YAZARLAR
Günah İşlemek, İbadetlerde Takva ve Tövbe Etmek
İnsan günah olduğunu bildiği bir şeyi neden yapar?
İnsan hem olumlu hem de olumsuz sıfatlarla karışık bir şekilde yaratılmıştır. Olumlu tarafı ile güzel kulluk örnekleri sergiler, olumsuz tarafı ile de –Allah korusun- şeytani işler peşinde koşar. İnsanda nefis denilen benlikten kaynaklanır. Nefis ise, Kur’ân-ı Kerîm’in ifadesiyle kötülüğü emreder. Rabbimiz (c.c.) Yusuf (a.s.)’ın lisanı ile şöyle buyuruyor: “Ben nefsimi temize çıkarmam; çünkü nefs, Rabbimin merhameti olmadıkça, kötülüğü emreder. Doğrusu Rabbim bağışlayandır, merhamet edendir.” [1] Onun için temel ilkemiz tövbe etmek olmalıdır.
Bir şeyin günah olduğunu bildiği hâlde günaha dalan insanlar işte bu nefse uyma zaafları nedeniyle hata ve kusurda devam ederler. Nefsin emrettiği kötülüklerin içinde gaflet, şehvet, aşırı iyimserlik ve “tövbe ederiz Allah affeder”gibi kuruntular vardır. Bunların yanı sıra ahiret inancındaki zaaf ve şüpheler de kişiyi günaha sevkeder.

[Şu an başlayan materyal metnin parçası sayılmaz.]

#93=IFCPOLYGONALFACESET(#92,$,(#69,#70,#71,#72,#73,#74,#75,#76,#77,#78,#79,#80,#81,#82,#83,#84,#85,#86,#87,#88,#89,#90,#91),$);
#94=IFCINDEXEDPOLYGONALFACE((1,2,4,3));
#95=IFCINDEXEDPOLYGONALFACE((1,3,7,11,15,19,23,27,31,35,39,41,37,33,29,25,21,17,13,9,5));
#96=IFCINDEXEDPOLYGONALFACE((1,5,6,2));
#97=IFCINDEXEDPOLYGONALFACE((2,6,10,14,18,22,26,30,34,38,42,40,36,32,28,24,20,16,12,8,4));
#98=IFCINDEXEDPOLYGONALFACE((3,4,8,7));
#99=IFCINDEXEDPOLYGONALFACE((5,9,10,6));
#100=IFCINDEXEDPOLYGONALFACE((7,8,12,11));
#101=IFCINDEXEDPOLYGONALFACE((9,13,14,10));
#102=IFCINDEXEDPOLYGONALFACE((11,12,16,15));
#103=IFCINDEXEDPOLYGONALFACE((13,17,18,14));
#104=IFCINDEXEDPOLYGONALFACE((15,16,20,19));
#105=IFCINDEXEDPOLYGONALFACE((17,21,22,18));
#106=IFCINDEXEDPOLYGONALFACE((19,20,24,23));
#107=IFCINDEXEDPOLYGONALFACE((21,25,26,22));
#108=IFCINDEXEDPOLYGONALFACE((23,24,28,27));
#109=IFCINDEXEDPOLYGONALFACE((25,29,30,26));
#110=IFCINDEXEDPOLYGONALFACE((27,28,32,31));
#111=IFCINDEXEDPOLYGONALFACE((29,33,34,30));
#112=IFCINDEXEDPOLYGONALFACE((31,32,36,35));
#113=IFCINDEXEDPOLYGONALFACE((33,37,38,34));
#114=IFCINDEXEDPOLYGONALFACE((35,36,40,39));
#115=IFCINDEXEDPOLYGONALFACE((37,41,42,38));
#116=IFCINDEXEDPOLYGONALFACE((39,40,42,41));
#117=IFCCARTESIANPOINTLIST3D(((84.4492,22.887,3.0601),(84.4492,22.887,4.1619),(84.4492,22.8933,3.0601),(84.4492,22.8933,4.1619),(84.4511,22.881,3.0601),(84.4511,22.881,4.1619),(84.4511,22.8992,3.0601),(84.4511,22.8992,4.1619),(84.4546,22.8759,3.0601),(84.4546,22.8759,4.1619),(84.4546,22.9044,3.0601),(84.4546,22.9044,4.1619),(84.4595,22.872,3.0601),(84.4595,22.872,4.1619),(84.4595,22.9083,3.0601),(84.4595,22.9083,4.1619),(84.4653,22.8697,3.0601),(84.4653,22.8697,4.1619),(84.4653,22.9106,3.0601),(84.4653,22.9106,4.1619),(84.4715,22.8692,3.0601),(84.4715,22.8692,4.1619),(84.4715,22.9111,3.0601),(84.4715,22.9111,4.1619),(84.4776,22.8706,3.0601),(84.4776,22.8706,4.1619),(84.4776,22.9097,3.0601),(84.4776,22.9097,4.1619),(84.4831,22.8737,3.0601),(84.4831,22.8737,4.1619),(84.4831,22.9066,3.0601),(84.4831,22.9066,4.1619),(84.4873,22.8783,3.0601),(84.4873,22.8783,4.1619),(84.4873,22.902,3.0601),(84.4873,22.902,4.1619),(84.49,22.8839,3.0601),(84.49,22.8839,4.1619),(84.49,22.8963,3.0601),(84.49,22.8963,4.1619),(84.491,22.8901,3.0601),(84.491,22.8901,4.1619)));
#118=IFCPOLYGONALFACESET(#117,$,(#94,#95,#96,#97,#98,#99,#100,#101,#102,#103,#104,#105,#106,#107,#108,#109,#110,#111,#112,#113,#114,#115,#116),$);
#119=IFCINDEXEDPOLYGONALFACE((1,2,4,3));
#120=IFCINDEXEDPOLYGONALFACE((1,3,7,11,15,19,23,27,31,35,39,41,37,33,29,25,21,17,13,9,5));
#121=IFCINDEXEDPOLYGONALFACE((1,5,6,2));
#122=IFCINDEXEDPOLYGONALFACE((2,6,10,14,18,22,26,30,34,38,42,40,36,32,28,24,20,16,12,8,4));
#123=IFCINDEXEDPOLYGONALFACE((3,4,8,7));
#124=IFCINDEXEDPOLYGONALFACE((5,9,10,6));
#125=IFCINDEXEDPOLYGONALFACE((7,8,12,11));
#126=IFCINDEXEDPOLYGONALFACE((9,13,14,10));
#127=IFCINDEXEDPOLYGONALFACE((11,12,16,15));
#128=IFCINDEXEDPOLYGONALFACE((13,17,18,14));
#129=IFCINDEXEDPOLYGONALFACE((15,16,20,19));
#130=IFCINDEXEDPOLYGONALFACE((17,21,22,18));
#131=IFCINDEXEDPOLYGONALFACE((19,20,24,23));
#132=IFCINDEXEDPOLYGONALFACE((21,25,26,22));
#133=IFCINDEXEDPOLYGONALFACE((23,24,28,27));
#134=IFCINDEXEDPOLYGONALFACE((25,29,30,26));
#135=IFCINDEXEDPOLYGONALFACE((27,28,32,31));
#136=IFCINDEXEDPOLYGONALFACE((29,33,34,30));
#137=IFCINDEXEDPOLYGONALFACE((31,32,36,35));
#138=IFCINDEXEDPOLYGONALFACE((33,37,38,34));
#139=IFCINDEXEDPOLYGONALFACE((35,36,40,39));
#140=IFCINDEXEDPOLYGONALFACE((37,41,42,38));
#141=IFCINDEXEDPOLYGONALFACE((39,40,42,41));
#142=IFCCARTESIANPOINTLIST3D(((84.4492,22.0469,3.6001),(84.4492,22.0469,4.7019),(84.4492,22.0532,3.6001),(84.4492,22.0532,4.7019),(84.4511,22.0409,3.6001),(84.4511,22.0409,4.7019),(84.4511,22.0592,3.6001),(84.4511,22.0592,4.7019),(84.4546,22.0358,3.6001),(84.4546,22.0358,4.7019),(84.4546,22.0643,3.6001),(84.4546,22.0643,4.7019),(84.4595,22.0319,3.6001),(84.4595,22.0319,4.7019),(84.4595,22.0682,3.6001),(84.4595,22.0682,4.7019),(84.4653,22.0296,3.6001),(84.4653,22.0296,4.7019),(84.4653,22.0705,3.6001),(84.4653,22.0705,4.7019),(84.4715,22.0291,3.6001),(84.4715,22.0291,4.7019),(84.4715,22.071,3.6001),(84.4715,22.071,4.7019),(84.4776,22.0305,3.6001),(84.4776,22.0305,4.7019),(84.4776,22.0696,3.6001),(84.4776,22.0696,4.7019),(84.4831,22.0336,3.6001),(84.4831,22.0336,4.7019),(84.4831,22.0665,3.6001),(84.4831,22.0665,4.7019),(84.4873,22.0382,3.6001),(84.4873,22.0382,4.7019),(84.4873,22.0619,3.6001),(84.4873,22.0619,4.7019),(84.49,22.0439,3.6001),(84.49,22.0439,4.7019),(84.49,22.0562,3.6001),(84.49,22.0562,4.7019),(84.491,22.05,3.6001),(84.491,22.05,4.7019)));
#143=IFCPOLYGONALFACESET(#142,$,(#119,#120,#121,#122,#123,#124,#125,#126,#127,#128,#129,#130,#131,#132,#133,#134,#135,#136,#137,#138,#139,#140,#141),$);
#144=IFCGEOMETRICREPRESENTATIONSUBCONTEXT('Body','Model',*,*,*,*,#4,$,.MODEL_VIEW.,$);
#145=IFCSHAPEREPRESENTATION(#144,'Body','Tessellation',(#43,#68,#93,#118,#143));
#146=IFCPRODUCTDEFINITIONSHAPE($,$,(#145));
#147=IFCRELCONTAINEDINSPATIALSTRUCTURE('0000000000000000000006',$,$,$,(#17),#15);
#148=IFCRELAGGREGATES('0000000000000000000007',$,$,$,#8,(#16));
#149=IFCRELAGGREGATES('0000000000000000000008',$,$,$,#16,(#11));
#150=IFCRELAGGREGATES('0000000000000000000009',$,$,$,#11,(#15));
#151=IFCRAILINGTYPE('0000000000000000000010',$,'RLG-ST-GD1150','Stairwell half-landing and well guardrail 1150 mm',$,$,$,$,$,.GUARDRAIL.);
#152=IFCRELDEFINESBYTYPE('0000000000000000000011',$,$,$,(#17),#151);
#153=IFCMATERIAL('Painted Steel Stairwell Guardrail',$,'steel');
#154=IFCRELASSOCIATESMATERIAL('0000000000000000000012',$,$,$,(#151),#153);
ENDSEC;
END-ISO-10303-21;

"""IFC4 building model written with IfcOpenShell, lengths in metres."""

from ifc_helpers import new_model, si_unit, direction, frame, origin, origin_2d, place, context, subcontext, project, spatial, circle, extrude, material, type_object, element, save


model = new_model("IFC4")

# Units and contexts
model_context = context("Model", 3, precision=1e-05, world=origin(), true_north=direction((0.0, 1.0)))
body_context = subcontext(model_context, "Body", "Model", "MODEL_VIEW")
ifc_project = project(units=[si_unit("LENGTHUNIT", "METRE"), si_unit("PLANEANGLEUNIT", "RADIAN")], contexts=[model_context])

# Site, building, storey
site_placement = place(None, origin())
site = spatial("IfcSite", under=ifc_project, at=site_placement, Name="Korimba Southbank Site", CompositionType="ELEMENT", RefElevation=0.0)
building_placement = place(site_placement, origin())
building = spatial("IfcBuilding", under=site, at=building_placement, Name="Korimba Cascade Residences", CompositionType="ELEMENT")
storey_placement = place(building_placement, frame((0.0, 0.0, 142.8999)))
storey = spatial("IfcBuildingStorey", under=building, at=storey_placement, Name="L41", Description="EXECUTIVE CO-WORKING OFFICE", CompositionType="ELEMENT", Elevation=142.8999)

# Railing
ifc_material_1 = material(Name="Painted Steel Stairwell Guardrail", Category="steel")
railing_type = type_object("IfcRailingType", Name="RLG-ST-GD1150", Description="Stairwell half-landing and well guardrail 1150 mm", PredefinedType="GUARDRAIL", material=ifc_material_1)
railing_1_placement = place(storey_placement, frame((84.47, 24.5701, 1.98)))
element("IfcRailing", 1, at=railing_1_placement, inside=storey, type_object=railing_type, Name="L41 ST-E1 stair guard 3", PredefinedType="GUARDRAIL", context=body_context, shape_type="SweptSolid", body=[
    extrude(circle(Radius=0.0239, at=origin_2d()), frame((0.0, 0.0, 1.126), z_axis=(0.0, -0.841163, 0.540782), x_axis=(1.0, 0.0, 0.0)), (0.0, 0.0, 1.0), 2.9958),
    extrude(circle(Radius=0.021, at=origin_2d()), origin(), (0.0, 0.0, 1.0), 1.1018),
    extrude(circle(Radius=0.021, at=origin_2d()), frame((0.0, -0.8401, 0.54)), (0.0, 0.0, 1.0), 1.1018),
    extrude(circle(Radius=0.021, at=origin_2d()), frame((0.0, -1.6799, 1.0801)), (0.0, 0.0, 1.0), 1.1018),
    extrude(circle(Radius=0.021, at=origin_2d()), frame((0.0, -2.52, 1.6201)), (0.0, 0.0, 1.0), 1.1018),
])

Bütün bunlar nefsin oyununa gelmek ve aldanmaktır. Bunu bilen Allah Resûlü (s.a.v.), şöyle buyurmaktadır: “Cehennem (nefse) hoş gelen şeylerle, cennet de (nefse) zor gelen şeylerle perdelenmiştir.” [2] Müslüman, nefsinin oyununu bozmalı, tövbe etmeli ve bir daha günaha dalmaktan uzak durmalıdır.
İbadetlerin kabulü için takva sahibi olmak şart mı?
Takva birkaç derecedir. Allah’a inanmak ve O’na hiçbir şeyi ortak koşmamak takvanın birinci derecesidir. Bunun içinde ihlasla güzel ameller işlemek de vardır. Takvanın bir diğer derecesi, büyük günahları işlemekten ve küçük günahlarda ısrar etmekten sakınmak ve farzları eda etmektir. Takvanın en yüksek derecesi ise, kalbini Allah’tan meşgul edecek her şeyden kaçınmak ve bütün varlığı ile Allah’a yönelmektir. Bu üç dereceden birisi dahilinde kalarak ibadet eden Müslüman’ın ibadetleri geçerli olur inşaallah.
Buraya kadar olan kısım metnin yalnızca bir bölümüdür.